Recently, a new soliton formation, dissipative-soliton-resonance, predicted by Chang et al. in the frame of complex cubic-quantic Ginzburg-Landau equation has attracted considerable attentions as it supports wave breaking free pulses10,11. Under the DSR generation, with increasing gain, the pulse remains its peak power, while it keeps broadening in the time domain. Pulse breaking is avoided in this case. Therefore, DSR shows great potential for extremely high pulse energy generation. Lots of efforts have been devoted to obtain DSR in mode-locked fiber lasers. DSR is demonstrated and characterized in many theoretical models12,13,14. Previously, we have also numerically studied the physical mechanism of how the DSR generation could prevent the pulse breaking in all-normal-dispersion regime15. We found that with strong enough peak-power-clamping induced by sinusoidal saturation absorption such as nonlinear polarization rotation (NPR) or nonlinear optical loop mirror (NOLM), the pulse spectrum could be confined within the cavity filter transmission window and thus pulse breaking is avoided. Experimental studies of DSR have also been carried out in a variety of fiber laser settings16,17,18,19,20. Experimentally square-wave pulses without wave breaking are observed, which stretched from picoseconds to nanoseconds. However, up to now, main efforts are focused on pulse temporal properties, namely square shape and wave-breaking-free. The spectral properties of DSR pulses are less investigated. A detailed characterization of DSR spectrum will be of high interest.

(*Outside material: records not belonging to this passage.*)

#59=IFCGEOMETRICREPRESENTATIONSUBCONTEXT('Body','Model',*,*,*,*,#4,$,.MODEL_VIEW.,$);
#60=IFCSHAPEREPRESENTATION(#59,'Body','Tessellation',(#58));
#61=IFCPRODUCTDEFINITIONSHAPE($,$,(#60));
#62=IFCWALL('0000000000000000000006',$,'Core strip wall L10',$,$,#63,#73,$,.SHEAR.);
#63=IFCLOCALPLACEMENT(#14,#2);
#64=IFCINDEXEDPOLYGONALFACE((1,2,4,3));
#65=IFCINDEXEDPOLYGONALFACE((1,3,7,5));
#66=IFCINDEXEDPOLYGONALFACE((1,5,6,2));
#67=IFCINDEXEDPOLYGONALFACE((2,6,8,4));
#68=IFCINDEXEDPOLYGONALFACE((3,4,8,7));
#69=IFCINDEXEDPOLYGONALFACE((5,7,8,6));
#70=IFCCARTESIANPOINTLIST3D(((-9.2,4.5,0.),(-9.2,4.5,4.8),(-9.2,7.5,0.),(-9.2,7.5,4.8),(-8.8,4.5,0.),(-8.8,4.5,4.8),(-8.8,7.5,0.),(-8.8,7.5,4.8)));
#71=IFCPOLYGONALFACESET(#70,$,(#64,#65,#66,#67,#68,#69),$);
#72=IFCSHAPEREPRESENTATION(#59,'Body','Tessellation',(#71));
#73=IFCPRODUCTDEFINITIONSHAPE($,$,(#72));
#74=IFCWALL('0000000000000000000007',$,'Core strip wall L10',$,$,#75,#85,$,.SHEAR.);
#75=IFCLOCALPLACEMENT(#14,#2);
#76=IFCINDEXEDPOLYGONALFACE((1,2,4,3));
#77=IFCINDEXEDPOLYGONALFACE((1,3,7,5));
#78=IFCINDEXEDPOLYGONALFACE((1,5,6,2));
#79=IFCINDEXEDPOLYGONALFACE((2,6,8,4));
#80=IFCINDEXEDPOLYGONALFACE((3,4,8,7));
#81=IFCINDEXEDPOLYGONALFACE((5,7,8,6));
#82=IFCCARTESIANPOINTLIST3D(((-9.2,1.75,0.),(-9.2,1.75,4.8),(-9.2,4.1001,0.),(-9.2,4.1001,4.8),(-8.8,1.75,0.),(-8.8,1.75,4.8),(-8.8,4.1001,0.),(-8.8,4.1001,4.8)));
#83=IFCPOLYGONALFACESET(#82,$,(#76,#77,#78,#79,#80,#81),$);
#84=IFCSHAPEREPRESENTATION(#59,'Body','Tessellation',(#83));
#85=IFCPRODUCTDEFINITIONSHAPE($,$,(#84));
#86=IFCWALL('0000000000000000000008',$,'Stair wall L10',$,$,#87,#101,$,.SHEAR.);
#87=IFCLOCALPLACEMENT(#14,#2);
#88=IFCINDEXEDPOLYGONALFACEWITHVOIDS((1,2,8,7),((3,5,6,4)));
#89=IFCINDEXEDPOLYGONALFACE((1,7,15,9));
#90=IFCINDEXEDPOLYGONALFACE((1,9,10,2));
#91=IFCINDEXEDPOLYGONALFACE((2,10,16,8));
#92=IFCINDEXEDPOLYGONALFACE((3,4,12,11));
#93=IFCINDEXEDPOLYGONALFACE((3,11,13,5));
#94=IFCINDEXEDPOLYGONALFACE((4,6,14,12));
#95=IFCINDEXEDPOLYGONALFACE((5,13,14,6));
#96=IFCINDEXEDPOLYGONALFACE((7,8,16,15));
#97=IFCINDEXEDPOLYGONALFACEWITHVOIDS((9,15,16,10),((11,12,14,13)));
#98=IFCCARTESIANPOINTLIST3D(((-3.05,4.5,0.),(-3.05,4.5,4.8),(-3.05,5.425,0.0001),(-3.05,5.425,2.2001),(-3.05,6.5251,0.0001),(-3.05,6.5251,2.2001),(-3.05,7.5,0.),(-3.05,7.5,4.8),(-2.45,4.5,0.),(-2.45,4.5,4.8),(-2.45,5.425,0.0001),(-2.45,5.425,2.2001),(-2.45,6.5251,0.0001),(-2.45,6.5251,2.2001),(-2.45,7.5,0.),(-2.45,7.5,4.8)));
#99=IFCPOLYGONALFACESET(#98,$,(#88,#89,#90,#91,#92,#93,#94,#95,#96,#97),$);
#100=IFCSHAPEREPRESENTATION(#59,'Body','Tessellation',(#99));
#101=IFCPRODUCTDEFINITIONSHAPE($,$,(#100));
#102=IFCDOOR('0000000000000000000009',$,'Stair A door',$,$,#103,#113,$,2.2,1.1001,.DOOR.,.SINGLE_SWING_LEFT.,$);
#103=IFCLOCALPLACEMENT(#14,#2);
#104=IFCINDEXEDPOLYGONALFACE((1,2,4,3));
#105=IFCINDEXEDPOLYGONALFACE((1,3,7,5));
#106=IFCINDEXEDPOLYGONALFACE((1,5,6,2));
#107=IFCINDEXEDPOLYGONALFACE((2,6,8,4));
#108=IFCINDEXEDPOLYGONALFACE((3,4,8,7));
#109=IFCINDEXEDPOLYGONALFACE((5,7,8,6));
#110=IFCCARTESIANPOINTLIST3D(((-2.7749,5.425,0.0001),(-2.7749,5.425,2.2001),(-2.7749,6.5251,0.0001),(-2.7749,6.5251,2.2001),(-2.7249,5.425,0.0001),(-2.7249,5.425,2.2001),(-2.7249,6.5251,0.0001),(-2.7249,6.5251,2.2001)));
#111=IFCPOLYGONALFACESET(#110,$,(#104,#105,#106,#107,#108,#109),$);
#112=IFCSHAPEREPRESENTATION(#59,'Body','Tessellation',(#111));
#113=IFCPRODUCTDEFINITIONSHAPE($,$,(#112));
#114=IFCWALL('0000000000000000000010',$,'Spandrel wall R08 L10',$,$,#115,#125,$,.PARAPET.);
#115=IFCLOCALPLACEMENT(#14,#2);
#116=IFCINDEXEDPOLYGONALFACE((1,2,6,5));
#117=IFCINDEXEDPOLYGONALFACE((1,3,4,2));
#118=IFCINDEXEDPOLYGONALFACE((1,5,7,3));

As being continuously broadened with increasing pump, the DSR pulses are normally heavily chirped. Chirped pulses are possible to be compressed using linear dechirp devices. DSR compression has been mathematically discussed in11. The author showed that as the chirp is far from linear, the dechirped pulse is multi-peaked. Later, the author also indicated that near resonance point, solitons could be compressed to Fourier-transform-limited pulses along with low-intensity pedestals21. Experimentally, the compression of DSR pulses was preliminary studied in16, where the output pulse was pump power limited to 15 ps and was dechirped to 320 fs. As the DSR has shown great potential for achieving large pulse energy and nanosecond pulses, a more detailed study of the compressibility of much broader square DSR pulses is highly desirable for better investigating its practical application as ultrafast light resources.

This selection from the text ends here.